How to iterate over rows in a Pandas DataFrame?
Iterating over rows in a Pandas DataFrame can be done in several ways, depending on the use case and performance requirements. Here are the most common methods:
1. Using iterrows()
This method returns an iterator generating pairs of index and Series for each row.
import pandas as pd
# Sample DataFrame
data = {'ID': [101, 102, 103], 'Name': ['Alice', 'Bob', 'Charlie'], 'Score': [85, 90, 78]}
df = pd.DataFrame(data)
# Iterate over rows
for index, row in df.iterrows():
print(f"Index: {index}, Name: {row['Name']}, Score: {row['Score']}")
Output:
Index: 0, Name: Alice, Score: 85
Index: 1, Name: Bob, Score: 90
Index: 2, Name: Charlie, Score: 78
2. Using itertuples()
This method returns named tuples of the rows, which is faster than iterrows()
.
# Iterate using itertuples
for row in df.itertuples(index=True):
print(f"ID: {row.ID}, Name: {row.Name}, Score: {row.Score}")
Output:
ID: 101, Name: Alice, Score: 85
ID: 102, Name: Bob, Score: 90
ID: 103, Name: Charlie, Score: 78
3. Using apply()
For row-wise operations, you can use the apply()
function.
# Apply a function to each row
df['Status'] = df.apply(lambda row: 'Pass' if row['Score'] >= 80 else 'Fail', axis=1)
print(df)
Output:
ID Name Score Status
0 101 Alice 85 Pass
1 102 Bob 90 Pass
2 103 Charlie 78 Fail
4. Using zip()
with DataFrame Columns
For simpler DataFrames, you can iterate directly over the columns using zip()
.
# Iterate using zip
for id_, name, score in zip(df['ID'], df['Name'], df['Score']):
print(f"ID: {id_}, Name: {name}, Score: {score}")
Output:
ID: 101, Name: Alice, Score: 85
ID: 102, Name: Bob, Score: 90
ID: 103, Name: Charlie, Score: 78
5. Using to_dict()
You can convert the DataFrame to a dictionary and iterate over its rows.

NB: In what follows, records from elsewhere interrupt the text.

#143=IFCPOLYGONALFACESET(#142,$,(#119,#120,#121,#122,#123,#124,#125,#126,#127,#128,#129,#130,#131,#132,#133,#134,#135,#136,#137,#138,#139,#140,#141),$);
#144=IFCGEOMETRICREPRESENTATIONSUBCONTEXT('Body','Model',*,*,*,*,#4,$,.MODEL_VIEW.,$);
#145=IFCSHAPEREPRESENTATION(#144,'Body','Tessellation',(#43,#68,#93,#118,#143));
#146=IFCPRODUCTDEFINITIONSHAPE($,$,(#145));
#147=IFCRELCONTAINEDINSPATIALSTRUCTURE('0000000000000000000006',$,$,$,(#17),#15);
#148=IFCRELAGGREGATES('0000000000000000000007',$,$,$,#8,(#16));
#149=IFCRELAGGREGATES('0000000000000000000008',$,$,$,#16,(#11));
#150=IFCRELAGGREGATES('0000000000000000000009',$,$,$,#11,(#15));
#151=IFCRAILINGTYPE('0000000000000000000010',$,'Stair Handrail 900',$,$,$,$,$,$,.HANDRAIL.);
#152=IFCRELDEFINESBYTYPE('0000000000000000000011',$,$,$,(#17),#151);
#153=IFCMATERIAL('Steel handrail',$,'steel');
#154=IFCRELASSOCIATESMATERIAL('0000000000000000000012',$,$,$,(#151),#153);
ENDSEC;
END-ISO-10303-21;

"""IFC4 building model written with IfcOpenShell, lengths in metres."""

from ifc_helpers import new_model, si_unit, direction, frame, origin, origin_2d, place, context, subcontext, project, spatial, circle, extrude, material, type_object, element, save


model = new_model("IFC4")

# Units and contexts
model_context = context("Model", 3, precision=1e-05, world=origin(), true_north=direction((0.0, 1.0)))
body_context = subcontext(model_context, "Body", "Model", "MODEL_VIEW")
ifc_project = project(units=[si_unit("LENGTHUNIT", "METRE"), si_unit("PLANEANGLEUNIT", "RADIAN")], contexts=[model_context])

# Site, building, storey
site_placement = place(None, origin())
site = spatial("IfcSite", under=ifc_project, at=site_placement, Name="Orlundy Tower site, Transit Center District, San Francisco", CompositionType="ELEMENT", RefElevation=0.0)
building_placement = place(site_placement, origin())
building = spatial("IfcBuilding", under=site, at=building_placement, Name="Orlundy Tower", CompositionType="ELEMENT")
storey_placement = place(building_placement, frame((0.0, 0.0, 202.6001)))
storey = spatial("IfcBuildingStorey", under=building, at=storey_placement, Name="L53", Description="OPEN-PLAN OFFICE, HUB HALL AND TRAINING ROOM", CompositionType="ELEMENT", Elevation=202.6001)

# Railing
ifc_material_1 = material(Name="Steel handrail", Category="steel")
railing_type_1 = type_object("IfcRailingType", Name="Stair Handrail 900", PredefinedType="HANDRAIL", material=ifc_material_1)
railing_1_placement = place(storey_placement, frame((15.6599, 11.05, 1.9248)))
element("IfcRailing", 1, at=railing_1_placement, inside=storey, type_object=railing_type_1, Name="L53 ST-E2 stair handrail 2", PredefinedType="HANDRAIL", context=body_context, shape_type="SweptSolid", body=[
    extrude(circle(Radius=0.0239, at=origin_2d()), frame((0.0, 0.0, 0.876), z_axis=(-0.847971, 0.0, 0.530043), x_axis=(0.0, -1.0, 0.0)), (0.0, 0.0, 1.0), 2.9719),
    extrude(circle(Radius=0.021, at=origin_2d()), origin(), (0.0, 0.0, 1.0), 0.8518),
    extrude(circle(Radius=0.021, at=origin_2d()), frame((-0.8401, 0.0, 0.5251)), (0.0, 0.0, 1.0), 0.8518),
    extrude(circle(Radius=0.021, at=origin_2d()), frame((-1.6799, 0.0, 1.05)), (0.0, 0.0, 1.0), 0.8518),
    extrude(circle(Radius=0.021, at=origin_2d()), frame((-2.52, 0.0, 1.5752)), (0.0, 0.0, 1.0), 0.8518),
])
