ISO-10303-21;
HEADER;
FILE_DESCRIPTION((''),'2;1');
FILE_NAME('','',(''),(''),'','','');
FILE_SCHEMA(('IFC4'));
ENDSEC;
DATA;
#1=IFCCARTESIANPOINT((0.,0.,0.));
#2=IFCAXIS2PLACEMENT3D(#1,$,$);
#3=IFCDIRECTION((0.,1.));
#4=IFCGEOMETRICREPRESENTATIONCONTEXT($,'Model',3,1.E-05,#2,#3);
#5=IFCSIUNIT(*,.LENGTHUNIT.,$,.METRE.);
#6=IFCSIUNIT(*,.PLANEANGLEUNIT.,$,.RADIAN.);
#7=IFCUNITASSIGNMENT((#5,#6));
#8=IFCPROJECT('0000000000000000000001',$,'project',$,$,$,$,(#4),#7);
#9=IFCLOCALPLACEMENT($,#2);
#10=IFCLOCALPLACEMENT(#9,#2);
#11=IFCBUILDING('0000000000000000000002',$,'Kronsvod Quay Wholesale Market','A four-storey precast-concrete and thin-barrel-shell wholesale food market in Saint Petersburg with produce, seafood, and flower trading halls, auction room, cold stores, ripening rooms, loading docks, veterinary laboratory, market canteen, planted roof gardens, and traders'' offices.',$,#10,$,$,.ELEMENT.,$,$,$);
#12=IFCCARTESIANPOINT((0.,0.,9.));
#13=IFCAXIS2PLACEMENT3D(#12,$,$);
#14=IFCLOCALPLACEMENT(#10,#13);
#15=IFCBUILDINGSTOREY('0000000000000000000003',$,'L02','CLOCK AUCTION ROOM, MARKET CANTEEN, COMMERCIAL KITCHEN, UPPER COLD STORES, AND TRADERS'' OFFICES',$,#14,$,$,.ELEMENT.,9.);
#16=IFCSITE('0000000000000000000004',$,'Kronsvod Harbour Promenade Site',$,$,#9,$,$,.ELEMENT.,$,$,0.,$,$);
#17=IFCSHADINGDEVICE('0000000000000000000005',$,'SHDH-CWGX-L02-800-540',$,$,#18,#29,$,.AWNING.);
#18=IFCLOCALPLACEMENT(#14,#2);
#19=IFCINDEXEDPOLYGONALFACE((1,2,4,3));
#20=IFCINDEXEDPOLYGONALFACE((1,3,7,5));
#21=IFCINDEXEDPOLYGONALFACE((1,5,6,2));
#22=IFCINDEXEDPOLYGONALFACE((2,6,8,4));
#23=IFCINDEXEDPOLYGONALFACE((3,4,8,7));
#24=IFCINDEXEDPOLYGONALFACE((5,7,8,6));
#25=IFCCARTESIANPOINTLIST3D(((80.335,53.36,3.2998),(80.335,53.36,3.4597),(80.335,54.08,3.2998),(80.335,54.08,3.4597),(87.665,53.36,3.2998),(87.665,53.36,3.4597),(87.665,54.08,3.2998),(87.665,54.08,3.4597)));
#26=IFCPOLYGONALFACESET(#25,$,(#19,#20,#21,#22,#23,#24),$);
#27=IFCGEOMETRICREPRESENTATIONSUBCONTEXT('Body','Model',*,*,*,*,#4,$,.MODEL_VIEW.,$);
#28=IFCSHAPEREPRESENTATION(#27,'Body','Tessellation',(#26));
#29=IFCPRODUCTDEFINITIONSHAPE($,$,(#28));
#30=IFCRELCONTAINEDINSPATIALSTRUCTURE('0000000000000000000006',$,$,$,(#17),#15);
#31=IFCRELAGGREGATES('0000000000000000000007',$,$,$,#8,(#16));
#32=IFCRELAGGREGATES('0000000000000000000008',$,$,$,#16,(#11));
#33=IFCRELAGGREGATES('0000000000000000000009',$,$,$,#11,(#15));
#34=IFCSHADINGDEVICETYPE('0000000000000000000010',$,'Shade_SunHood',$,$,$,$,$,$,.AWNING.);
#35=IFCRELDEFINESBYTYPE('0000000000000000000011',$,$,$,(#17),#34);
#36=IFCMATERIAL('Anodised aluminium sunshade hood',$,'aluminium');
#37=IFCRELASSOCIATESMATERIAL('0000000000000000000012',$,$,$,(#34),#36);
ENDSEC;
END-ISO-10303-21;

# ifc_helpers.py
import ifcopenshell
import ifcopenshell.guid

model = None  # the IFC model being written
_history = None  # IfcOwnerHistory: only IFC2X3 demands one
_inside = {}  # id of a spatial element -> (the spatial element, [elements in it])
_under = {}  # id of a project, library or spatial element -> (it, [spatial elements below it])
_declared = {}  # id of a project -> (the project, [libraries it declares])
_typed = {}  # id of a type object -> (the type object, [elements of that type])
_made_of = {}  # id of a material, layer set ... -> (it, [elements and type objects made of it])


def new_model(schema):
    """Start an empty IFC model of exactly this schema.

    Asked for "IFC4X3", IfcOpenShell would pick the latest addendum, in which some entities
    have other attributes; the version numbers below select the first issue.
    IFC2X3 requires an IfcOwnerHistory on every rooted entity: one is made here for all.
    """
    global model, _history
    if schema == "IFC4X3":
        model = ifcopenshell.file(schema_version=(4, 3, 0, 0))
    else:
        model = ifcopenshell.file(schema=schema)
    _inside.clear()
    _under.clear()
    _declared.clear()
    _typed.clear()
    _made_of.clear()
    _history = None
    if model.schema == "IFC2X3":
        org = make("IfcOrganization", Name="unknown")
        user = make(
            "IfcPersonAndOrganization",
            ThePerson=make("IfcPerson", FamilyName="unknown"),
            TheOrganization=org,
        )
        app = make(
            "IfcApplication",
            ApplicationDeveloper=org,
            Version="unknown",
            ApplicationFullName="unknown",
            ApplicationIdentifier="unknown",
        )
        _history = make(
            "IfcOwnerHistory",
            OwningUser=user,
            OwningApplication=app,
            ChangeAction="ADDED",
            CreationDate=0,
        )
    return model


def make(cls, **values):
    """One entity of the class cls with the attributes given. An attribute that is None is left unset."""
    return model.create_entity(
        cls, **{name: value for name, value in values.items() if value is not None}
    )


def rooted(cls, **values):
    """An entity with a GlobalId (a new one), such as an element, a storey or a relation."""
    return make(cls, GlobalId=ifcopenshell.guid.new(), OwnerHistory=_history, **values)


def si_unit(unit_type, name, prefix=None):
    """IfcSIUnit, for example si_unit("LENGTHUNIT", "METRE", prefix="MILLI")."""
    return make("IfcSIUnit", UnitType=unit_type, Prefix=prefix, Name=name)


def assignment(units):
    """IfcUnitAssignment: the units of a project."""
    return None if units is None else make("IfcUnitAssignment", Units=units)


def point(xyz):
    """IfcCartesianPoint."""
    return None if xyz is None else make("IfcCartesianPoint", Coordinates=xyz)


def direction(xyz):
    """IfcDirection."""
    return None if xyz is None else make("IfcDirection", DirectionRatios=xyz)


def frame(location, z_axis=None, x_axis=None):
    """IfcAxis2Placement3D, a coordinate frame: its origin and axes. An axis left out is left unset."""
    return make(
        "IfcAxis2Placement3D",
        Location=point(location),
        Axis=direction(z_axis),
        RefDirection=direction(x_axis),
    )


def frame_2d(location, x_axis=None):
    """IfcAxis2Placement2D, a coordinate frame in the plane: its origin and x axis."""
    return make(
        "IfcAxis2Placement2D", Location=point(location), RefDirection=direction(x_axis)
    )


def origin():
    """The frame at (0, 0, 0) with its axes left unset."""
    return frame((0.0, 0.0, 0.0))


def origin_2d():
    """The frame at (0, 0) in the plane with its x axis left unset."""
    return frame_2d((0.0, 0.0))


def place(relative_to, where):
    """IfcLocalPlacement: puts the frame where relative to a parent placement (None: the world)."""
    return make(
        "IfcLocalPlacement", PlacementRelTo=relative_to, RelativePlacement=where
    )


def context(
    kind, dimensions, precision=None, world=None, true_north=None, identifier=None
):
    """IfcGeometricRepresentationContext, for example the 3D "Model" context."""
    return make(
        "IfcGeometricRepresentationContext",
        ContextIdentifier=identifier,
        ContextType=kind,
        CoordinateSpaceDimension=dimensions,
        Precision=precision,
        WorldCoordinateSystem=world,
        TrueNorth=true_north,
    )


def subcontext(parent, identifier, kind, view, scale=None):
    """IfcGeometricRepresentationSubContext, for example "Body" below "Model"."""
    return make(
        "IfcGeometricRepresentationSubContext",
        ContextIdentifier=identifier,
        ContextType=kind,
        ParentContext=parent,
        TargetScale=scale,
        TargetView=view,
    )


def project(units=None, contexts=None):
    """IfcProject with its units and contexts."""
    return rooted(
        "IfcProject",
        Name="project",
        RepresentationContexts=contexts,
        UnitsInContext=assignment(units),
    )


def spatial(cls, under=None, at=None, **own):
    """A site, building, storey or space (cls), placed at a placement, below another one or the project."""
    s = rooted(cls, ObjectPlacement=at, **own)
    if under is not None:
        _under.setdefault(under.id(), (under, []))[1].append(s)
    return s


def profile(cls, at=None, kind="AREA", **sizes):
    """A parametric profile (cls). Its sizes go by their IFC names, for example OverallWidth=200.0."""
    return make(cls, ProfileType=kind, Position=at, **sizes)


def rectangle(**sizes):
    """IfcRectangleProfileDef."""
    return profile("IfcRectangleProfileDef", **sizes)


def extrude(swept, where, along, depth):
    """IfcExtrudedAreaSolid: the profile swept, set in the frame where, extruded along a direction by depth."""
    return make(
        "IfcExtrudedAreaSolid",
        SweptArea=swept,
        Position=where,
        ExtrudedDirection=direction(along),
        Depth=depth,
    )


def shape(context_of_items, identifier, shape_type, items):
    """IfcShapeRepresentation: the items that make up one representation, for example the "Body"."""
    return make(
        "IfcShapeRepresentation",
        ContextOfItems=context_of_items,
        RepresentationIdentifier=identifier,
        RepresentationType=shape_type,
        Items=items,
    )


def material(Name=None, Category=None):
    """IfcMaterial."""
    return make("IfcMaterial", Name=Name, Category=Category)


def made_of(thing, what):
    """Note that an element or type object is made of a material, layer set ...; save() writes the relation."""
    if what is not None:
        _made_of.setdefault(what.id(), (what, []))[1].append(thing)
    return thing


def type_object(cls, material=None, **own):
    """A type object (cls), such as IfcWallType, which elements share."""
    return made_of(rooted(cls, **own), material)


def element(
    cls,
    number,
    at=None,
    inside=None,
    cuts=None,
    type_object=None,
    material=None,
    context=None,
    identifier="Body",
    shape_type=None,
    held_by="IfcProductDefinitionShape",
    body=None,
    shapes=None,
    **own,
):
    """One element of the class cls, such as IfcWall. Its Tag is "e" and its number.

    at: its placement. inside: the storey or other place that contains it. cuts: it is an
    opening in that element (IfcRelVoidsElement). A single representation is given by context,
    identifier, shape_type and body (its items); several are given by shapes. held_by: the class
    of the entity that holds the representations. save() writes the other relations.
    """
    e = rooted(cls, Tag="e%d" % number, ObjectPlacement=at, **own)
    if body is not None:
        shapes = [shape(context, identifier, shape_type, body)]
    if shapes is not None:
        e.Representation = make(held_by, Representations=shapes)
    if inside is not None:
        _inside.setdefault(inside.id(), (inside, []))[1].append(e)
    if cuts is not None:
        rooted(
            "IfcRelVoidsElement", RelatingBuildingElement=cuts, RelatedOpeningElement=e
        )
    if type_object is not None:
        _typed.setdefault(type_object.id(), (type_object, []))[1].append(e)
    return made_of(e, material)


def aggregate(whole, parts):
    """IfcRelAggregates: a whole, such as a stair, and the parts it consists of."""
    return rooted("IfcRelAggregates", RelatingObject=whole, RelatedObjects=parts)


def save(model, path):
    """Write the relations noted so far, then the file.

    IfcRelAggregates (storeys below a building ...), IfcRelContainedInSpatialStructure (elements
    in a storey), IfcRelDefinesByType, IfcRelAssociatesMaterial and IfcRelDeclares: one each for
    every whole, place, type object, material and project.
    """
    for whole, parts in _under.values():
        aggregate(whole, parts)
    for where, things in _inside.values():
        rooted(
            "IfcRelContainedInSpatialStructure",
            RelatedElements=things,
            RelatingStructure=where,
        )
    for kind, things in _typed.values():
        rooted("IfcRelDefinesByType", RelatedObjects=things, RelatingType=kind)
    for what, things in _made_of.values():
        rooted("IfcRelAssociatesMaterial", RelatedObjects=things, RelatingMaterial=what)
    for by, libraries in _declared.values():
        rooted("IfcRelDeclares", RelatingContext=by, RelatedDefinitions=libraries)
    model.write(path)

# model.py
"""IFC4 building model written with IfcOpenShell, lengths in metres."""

from ifc_helpers import new_model, si_unit, direction, frame, origin, origin_2d, place, context, subcontext, project, spatial, rectangle, extrude, material, type_object, element, save


model = new_model("IFC4")

# Units and contexts
model_context = context("Model", 3, precision=1e-05, world=origin(), true_north=direction((0.0, 1.0)))
body_context = subcontext(model_context, "Body", "Model", "MODEL_VIEW")
ifc_project = project(units=[si_unit("LENGTHUNIT", "METRE"), si_unit("PLANEANGLEUNIT", "RADIAN")], contexts=[model_context])

# Site, building, storey
site_placement = place(None, origin())
site = spatial("IfcSite", under=ifc_project, at=site_placement, Name="Kronsvod Harbour Promenade Site", CompositionType="ELEMENT", RefElevation=0.0)
building_placement = place(site_placement, origin())
building = spatial("IfcBuilding", under=site, at=building_placement, Name="Kronsvod Quay Wholesale Market", Description="A four-storey precast-concrete and thin-barrel-shell wholesale food market in Saint Petersburg with produce, seafood, and flower trading halls, auction room, cold stores, ripening rooms, loading docks, veterinary laboratory, market canteen, planted roof gardens, and traders' offices.", CompositionType="ELEMENT")
storey_placement = place(building_placement, frame((0.0, 0.0, 9.0)))
storey = spatial("IfcBuildingStorey", under=building, at=storey_placement, Name="L02", Description="CLOCK AUCTION ROOM, MARKET CANTEEN, COMMERCIAL KITCHEN, UPPER COLD STORES, AND TRADERS' OFFICES", CompositionType="ELEMENT", Elevation=9.0)

# Shading device
ifc_material_1 = material(Name="Anodised aluminium sunshade hood", Category="aluminium")
shading_device_type_1 = type_object("IfcShadingDeviceType", Name="Shade_SunHood", PredefinedType="AWNING", material=ifc_material_1)
for number, where, z_axis, x_axis, name in (
    (1, (84.0, 53.72, 3.2998), (0.0, 0.0, 1.0), (1.0, 0.0, 0.0), "SHDH-CWGX-L02-800-540"),
):
    element("IfcShadingDevice", number, at=place(storey_placement, frame(where, z_axis=z_axis, x_axis=x_axis)), inside=storey, type_object=shading_device_type_1, Name=name, PredefinedType="AWNING", context=body_context, shape_type="SweptSolid", body=[
        extrude(rectangle(XDim=7.3301, YDim=0.72, at=origin_2d()), origin(), (0.0, 0.0, 1.0), 0.1599),
    ])

save(model, "model.ifc")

# Convert DataFrame to dictionary
data_dict = df.to_dict(orient='records')
for row in data_dict:
print(row)
Output:
{'ID': 101, 'Name': 'Alice', 'Score': 85}
{'ID': 102, 'Name': 'Bob', 'Score': 90}
{'ID': 103, 'Name': 'Charlie', 'Score': 78}
When to Use Each Method
itertuples()
for faster iteration when reading rows without modification.iterrows()
when you need row data as Series (but avoid for performance-critical tasks).apply()
for vectorized operations without explicit iteration.zip()
for iterating specific columns.to_dict()
for working with row data as dictionaries.